F-1-04-01
A PROGRAM FOR ISOKINETIC QUANTIFICATION OF MUSCLE TONICITY
A. Therenon., N. RevueIra, V. Petit, S. Pille, R. Zimny, (C.H.U. de Lille, France)
Isokinetic dynamometers are designed to measure torque during the motion of a joint at a definite speed and a definite range. They could give all the informations needed to assess muscle tonicity. However studies using such devices are rare, probably because of the inadequacy of the softwares.
From a Cybex*6000 dynamometer and a EMG recording device, with Labview* software, after setting adapted filters and gravity correction, our program permit to display, and store the velocity, the angular position the range of motion and the muscle torque. The work done by the machine, the threshold angle for EMG activity or resistive torque, the slope of the torque/angle relationship, the total work and even the slope of the work/velocity regression line can be compute.
There is evidence of a good reproductibility of our measures hi healthy subjects and in patients with spastic hemiplegia or parkinsonism. Nevertheless, more studies are required to choose the more pertinent data for each condition.
F-1-04-02
EVALUATION OF SPASTICITY BY MEASUREMENT OF TORQUE AROUND ANKLE IN PASSIVE MOVEMENT
Hideyuki Naqaoki, Ryouhei Konaka, Shigenobu Ishigami (National Defense Medical College, Saitama, Japan), Hideo Tomita (Tokyo Denki University, Saitama, Japan)
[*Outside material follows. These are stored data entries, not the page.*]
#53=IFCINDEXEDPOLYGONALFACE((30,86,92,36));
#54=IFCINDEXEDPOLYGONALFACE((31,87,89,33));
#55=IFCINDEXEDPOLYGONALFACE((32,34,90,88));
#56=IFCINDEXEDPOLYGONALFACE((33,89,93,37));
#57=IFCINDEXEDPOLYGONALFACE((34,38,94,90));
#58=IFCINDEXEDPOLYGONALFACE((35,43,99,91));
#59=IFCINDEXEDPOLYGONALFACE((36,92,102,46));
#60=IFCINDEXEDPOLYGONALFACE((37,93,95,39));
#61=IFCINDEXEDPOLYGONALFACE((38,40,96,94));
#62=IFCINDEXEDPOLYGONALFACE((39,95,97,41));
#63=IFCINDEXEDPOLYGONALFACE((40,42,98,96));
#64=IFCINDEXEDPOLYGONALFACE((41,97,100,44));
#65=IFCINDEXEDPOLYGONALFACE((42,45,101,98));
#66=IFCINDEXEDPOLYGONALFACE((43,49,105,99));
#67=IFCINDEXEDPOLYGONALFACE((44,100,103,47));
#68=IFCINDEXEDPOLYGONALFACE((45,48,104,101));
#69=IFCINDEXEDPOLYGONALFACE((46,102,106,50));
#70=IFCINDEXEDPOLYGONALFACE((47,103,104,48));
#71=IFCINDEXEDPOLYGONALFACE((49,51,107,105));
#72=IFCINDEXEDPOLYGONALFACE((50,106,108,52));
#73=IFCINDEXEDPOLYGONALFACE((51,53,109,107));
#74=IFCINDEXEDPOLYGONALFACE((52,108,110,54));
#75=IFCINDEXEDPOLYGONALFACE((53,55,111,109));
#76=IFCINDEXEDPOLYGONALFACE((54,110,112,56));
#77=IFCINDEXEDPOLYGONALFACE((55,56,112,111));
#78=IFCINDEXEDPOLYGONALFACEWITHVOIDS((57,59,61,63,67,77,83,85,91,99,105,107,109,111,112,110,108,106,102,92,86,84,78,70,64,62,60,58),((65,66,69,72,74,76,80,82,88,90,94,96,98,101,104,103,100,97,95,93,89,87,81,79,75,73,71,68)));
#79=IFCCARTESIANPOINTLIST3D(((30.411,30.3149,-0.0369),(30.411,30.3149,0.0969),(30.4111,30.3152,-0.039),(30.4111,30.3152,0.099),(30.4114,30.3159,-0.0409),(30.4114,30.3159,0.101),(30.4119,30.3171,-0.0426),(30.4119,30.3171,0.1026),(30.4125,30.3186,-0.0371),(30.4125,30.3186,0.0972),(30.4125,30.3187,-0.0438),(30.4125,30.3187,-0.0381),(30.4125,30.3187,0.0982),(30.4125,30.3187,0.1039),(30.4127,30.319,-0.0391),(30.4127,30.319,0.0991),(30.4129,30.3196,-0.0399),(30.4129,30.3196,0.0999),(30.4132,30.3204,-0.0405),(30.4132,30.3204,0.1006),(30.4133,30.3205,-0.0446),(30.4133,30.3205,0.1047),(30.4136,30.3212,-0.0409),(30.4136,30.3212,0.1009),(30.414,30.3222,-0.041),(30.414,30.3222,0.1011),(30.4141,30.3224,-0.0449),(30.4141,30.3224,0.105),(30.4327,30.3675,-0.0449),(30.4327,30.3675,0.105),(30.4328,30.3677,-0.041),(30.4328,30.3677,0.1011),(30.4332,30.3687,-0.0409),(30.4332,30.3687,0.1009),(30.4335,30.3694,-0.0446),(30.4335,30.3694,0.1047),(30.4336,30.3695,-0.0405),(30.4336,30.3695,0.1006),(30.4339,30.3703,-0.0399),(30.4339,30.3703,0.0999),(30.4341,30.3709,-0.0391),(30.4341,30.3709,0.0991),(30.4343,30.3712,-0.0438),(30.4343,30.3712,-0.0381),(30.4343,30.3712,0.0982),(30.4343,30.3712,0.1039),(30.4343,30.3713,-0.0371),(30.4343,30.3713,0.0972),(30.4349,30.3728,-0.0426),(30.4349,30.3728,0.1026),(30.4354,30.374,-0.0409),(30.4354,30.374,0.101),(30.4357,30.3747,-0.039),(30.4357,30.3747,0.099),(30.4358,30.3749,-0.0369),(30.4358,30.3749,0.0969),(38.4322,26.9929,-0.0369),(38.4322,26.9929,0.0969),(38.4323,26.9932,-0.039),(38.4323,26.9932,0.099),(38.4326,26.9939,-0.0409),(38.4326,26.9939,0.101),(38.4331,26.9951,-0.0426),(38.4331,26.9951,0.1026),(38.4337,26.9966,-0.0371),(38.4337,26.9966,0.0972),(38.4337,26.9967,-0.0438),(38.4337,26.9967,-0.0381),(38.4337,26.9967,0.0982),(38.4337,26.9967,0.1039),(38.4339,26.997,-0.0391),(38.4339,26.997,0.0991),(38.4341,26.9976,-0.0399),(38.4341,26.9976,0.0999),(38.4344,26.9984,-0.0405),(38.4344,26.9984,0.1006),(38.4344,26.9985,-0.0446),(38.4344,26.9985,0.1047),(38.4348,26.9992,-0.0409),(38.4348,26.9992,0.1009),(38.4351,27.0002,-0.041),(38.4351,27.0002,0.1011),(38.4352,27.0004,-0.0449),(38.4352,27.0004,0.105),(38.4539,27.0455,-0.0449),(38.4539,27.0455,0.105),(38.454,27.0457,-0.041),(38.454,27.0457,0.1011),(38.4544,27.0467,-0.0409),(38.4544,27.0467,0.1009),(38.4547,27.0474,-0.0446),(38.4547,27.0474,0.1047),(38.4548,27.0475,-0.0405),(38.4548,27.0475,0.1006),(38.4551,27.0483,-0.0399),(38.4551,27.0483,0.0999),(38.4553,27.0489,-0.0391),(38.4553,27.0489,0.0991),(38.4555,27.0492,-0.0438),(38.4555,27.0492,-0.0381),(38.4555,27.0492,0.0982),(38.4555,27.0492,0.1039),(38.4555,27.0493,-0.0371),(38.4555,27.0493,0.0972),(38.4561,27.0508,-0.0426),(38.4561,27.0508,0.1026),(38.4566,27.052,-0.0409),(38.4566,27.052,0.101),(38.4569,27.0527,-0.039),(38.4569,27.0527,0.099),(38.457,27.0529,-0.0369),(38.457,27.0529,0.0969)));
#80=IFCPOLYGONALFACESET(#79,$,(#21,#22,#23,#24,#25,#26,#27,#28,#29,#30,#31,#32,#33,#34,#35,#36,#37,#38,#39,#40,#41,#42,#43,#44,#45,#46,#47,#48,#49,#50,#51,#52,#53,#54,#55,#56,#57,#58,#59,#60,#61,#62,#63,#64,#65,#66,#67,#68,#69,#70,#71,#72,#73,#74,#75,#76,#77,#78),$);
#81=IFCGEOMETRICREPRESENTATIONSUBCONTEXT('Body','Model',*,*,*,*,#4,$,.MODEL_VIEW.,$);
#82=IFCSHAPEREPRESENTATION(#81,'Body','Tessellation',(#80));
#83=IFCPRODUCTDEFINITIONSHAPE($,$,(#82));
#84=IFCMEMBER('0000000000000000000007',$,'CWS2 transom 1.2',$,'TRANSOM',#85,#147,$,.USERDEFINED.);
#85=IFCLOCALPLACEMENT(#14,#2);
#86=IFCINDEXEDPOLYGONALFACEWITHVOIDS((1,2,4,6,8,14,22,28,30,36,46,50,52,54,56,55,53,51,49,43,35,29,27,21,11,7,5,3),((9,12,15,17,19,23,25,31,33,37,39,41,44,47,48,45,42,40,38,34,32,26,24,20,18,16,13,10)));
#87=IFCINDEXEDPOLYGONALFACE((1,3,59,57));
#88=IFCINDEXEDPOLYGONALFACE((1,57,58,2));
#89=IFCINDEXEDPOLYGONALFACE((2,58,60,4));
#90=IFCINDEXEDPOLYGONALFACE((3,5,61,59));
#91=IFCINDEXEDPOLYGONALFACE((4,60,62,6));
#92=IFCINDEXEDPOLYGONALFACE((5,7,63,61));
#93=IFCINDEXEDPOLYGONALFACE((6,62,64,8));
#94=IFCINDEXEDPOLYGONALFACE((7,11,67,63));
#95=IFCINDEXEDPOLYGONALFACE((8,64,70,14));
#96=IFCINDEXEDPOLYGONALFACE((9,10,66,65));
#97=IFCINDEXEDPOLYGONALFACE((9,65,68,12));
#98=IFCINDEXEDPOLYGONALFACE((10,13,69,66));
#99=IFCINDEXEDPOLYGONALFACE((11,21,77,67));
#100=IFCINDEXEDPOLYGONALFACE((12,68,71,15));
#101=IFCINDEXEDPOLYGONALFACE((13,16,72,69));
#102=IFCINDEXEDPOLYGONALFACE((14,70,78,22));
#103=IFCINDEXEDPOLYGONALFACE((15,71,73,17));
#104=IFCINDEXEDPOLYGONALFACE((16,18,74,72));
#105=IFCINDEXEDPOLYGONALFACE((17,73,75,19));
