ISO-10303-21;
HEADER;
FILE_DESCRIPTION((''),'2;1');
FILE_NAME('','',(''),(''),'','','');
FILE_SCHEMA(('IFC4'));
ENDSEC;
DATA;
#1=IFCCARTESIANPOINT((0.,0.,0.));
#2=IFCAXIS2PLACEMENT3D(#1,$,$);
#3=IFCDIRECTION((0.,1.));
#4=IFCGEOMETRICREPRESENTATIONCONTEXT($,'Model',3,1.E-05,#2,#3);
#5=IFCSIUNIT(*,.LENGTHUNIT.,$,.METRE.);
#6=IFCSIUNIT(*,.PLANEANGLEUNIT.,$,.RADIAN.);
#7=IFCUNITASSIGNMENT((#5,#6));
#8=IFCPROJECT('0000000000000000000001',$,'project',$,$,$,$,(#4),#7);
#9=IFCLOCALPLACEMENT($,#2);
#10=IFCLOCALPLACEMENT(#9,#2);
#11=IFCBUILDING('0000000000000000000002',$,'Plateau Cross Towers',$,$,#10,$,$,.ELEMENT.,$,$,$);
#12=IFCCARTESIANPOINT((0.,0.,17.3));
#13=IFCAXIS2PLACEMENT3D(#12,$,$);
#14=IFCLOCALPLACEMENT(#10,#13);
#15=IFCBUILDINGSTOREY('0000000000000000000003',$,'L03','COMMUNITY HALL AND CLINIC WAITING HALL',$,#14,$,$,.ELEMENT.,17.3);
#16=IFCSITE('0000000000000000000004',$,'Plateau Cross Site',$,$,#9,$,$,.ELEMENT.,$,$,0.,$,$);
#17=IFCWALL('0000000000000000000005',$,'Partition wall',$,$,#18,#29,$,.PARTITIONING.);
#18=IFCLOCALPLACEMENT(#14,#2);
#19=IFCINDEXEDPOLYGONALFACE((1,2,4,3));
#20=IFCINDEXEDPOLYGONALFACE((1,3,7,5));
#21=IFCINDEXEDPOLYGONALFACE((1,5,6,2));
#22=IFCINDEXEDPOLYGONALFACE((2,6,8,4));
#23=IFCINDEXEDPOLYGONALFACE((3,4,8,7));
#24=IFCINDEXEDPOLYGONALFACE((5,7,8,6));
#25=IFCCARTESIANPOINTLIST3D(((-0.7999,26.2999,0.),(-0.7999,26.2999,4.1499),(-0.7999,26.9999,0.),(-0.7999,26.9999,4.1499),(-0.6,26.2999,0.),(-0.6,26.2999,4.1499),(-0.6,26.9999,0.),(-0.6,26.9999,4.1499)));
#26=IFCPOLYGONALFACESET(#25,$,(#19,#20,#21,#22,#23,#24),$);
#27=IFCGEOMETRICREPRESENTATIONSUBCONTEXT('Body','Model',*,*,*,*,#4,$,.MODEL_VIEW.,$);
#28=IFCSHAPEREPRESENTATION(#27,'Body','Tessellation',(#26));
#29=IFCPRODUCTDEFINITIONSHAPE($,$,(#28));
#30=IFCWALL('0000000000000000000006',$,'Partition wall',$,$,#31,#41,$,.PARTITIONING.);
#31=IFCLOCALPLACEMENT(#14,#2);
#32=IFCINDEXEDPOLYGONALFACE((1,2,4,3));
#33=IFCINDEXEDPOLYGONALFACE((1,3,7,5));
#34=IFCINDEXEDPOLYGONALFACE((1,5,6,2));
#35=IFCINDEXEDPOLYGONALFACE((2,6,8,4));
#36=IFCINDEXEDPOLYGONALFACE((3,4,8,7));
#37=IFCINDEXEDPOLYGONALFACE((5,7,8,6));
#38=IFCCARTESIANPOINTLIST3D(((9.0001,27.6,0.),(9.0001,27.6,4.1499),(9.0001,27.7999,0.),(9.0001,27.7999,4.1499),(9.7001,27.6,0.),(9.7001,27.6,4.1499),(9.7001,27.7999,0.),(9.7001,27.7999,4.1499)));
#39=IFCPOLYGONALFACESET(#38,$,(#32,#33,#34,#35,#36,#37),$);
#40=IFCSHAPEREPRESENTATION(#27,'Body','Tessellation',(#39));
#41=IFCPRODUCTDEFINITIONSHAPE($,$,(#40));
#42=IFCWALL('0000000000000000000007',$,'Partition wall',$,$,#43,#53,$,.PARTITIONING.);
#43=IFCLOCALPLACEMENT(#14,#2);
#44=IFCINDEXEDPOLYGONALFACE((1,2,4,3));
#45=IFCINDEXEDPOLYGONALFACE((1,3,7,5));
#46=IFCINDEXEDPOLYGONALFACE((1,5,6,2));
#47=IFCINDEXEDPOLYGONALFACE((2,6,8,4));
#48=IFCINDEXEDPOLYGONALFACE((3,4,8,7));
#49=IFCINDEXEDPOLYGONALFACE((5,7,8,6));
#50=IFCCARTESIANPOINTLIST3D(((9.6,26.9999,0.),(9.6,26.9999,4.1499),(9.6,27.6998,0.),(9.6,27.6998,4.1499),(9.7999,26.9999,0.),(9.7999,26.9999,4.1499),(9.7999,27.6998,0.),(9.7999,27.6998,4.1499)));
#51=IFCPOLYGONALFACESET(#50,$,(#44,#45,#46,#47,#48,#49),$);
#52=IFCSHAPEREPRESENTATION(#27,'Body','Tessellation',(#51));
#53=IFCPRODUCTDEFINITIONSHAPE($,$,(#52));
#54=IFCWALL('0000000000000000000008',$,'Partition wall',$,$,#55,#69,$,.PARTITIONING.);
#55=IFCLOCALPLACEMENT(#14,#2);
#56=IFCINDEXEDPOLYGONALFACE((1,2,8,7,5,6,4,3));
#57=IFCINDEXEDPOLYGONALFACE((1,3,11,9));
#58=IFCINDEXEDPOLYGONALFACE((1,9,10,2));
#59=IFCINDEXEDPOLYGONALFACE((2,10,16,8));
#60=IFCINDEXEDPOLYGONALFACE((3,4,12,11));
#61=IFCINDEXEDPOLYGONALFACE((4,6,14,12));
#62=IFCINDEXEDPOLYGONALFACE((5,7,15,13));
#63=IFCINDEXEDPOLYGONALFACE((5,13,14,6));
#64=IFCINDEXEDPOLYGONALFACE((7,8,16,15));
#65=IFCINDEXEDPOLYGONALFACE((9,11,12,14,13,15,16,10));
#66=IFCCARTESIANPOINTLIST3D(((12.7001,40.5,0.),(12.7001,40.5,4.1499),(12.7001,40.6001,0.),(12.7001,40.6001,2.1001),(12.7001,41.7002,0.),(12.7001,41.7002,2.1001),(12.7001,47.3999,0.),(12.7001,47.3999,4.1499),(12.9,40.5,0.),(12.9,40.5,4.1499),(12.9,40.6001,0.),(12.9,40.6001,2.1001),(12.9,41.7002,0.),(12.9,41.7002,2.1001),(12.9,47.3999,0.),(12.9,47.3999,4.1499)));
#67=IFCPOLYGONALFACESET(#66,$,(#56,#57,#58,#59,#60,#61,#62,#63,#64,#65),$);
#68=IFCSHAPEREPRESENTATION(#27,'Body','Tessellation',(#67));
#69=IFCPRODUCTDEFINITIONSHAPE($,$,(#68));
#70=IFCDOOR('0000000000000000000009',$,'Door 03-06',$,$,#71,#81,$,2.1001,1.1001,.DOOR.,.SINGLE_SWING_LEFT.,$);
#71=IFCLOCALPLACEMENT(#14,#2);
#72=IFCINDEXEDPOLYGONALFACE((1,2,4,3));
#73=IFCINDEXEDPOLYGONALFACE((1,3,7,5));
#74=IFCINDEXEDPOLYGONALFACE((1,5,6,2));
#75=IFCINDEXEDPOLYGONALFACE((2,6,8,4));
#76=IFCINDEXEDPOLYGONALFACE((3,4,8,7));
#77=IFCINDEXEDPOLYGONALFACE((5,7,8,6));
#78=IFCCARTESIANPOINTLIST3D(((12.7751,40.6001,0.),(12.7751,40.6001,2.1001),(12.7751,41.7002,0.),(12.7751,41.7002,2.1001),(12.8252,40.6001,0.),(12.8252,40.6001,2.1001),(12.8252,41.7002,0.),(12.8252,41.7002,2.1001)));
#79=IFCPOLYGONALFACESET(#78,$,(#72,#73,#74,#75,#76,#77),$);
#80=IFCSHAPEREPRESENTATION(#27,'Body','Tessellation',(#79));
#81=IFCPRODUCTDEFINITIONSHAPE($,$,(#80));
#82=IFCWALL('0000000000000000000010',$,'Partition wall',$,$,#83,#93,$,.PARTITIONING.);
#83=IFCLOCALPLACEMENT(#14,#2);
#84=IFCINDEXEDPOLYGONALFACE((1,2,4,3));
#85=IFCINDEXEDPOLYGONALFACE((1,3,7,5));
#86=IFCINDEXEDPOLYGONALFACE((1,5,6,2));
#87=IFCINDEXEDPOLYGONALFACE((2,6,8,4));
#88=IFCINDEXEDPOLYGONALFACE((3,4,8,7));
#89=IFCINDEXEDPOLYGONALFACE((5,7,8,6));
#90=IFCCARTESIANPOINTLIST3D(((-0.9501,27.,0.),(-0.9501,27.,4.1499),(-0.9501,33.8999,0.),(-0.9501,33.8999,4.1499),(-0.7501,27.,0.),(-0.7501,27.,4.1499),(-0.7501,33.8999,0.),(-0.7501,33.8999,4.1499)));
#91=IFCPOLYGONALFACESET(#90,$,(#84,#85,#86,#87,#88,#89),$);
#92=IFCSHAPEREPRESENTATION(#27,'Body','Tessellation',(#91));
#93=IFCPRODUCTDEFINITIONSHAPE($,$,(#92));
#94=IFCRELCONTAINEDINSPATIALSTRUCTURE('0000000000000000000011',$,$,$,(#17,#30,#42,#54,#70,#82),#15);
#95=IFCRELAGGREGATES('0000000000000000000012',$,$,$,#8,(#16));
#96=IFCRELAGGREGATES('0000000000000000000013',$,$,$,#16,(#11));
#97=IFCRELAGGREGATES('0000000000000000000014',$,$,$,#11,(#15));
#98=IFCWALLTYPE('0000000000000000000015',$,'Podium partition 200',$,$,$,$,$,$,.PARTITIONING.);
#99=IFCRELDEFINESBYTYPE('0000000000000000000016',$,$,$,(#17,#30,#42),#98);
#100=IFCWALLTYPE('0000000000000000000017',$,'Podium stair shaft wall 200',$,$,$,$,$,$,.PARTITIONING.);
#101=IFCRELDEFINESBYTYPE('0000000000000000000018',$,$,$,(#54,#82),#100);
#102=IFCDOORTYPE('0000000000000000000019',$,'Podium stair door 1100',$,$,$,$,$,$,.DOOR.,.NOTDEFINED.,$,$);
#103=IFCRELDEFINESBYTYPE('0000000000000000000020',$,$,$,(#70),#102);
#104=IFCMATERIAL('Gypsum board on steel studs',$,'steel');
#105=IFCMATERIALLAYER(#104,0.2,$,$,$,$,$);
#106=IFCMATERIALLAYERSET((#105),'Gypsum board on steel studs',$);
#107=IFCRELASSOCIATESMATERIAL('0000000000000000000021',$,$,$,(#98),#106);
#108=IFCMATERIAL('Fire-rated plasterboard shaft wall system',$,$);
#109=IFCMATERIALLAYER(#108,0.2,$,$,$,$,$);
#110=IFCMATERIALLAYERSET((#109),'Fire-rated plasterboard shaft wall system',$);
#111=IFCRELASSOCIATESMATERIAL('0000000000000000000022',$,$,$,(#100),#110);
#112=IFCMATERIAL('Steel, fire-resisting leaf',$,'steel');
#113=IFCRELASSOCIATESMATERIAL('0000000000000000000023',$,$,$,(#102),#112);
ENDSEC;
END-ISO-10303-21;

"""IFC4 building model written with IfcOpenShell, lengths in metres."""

from ifc_helpers import new_model, si_unit, direction, frame, frame_2d, origin, place, context, subcontext, project, spatial, rectangle, extrude, material, layer, layer_set, type_object, element, fill, save


model = new_model("IFC4")

# Units and contexts
model_context = context("Model", 3, precision=1e-05, world=origin(), true_north=direction((0.0, 1.0)))
body_context = subcontext(model_context, "Body", "Model", "MODEL_VIEW")
ifc_project = project(units=[si_unit("LENGTHUNIT", "METRE"), si_unit("PLANEANGLEUNIT", "RADIAN")], contexts=[model_context])

# Site, building, storey
site_placement = place(None, origin())
site = spatial("IfcSite", under=ifc_project, at=site_placement, Name="Plateau Cross Site", CompositionType="ELEMENT", RefElevation=0.0)
building_placement = place(site_placement, origin())
building = spatial("IfcBuilding", under=site, at=building_placement, Name="Plateau Cross Towers", CompositionType="ELEMENT")
storey_placement = place(building_placement, frame((0.0, 0.0, 17.3)))
storey = spatial("IfcBuildingStorey", under=building, at=storey_placement, Name="L03", Description="COMMUNITY HALL AND CLINIC WAITING HALL", CompositionType="ELEMENT", Elevation=17.3)

# Shared definitions
ifc_material_1 = material(Name="Gypsum board on steel studs", Category="steel")
ifc_layer_1 = layer(ifc_material_1, 0.2)
ifc_layer_set_1 = layer_set([ifc_layer_1], Name="Gypsum board on steel studs")
wall_type_1 = type_object("IfcWallType", Name="Podium partition 200", PredefinedType="PARTITIONING", material=ifc_layer_set_1)

# Walls
for number, where, z_axis, x_axis, name in (
    (1, (-0.7, 27.0, 0.0), (0.0, 0.0, 1.0), (0.0, -1.0, 0.0), "Partition wall"),
    (2, (9.0, 27.7, 0.0), (0.0, 0.0, 1.0), (1.0, 0.0, 0.0), "Partition wall"),
    (3, (9.7, 27.7, 0.0), (0.0, 0.0, 1.0), (0.0, -1.0, 0.0), "Partition wall"),
):
    element("IfcWall", number, at=place(storey_placement, frame(where, z_axis=z_axis, x_axis=x_axis)), inside=storey, type_object=wall_type_1, Name=name, PredefinedType="PARTITIONING", context=body_context, shape_type="SweptSolid", body=[
        extrude(rectangle(XDim=0.7, YDim=0.2, at=frame_2d((0.3501, 0.0))), origin(), (0.0, 0.0, 1.0), 4.1499),
    ])

# Wall, opening, door
ifc_material_2 = material(Name="Fire-rated plasterboard shaft wall system")
ifc_layer_2 = layer(ifc_material_2, 0.2)
ifc_layer_set_2 = layer_set([ifc_layer_2], Name="Fire-rated plasterboard shaft wall system")
wall_type_2 = type_object("IfcWallType", Name="Podium stair shaft wall 200", PredefinedType="PARTITIONING", material=ifc_layer_set_2)
wall_1_placement = place(storey_placement, frame((12.8, 40.5, 0.0), z_axis=(0.0, 0.0, 1.0), x_axis=(0.0, 1.0, 0.0)))
wall_1 = element("IfcWall", 4, at=wall_1_placement, inside=storey, type_object=wall_type_2, Name="Partition wall", PredefinedType="PARTITIONING", context=body_context, shape_type="SweptSolid", body=[
    extrude(rectangle(XDim=6.8999, YDim=0.2, at=frame_2d((3.45, 0.0))), origin(), (0.0, 0.0, 1.0), 4.1499),
])
opening_1_placement = place(wall_1_placement, frame((0.1001, 0.0, 0.0)))
opening_1 = element("IfcOpeningElement", 5, at=opening_1_placement, cuts=wall_1, PredefinedType="OPENING", context=body_context, shape_type="SweptSolid", body=[
    extrude(rectangle(XDim=1.1001, YDim=2.1001, at=frame_2d((0.55, 1.05))), frame((0.0, 0.1099, 0.0), z_axis=(0.0, -1.0, 0.0), x_axis=(1.0, 0.0, 0.0)), (0.0, 0.0, 1.0), 0.22),
])
ifc_material_3 = material(Name="Steel, fire-resisting leaf", Category="steel")
door_type_1 = type_object("IfcDoorType", Name="Podium stair door 1100", OperationType="NOTDEFINED", PredefinedType="DOOR", material=ifc_material_3)
door_1_placement = place(opening_1_placement, origin())
door_1 = element("IfcDoor", 6, at=door_1_placement, inside=storey, type_object=door_type_1, Name="Door 03-06", OperationType="SINGLE_SWING_LEFT", OverallHeight=2.1001, OverallWidth=1.1001, PredefinedType="DOOR", context=body_context, shape_type="SweptSolid", body=[
    extrude(rectangle(XDim=1.1001, YDim=2.1001, at=frame_2d((0.55, 1.05))), frame((0.0, 0.0249, 0.0), z_axis=(0.0, -1.0, 0.0), x_axis=(1.0, 0.0, 0.0)), (0.0, 0.0, 1.0), 0.05),
])
fill(opening_1, door_1)

# Wall
wall_2_placement = place(storey_placement, frame((-0.8501, 33.8999, 0.0), z_axis=(0.0, 0.0, 1.0), x_axis=(0.0, -1.0, 0.0)))
element("IfcWall", 7, at=wall_2_placement, inside=storey, type_object=wall_type_2, Name="Partition wall", PredefinedType="PARTITIONING", context=body_context, shape_type="SweptSolid", body=[
    extrude(rectangle(XDim=6.8999, YDim=0.2, at=frame_2d((3.45, 0.0))), origin(), (0.0, 0.0, 1.0), 4.1499),
])

save(model, "model.ifc")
Evaluation and control of spasticity are especially important in stroke rehabilitation. We have developed a new system which could objectively quantify spasticity of the ankle joint and presented at IRMA 7th. We examined the confidence of this system and got some data. Subjects: 34 stroke patients and 9 normal as control participated in this study. Method: Subjects were instructed to sit on a chair with the thigh horizontal and the knee flexed 30 degrees. The foot was firmly fixed to the footplate to rotate around the ankle axis. Range of motion was 40 degrees. The computer output are the torque around the ankle joint and the foot angle in the passive rotatory movement. At the same time electromyograms were monitored with the surface electrodes on the gastrocnemius, tibialis anterior, and rectus femoris by the EMG monitoring system (Mega Electronics, ME3000P). Pendulum test was also examined. Results: The value of maximum torque were higher in patients with spasticity than in the normal group with statistically significant difference. The value of maximum torque were higher in the high grade of Modified Ashworth Scale group than low grade group significantly. The value of spasticity was in proportion to the amount of torque. The amount of R2 index of pendulum test was also in proportion to the amount of torque. We could evaluate effect of stretching, brace and medications as a spasticity treatment by using this system. Conclusion: There was a relationship between the degree of spasticity and the amount of torque in our evaluation system. This system has a strong possibility to evaluate the spasticity objectively.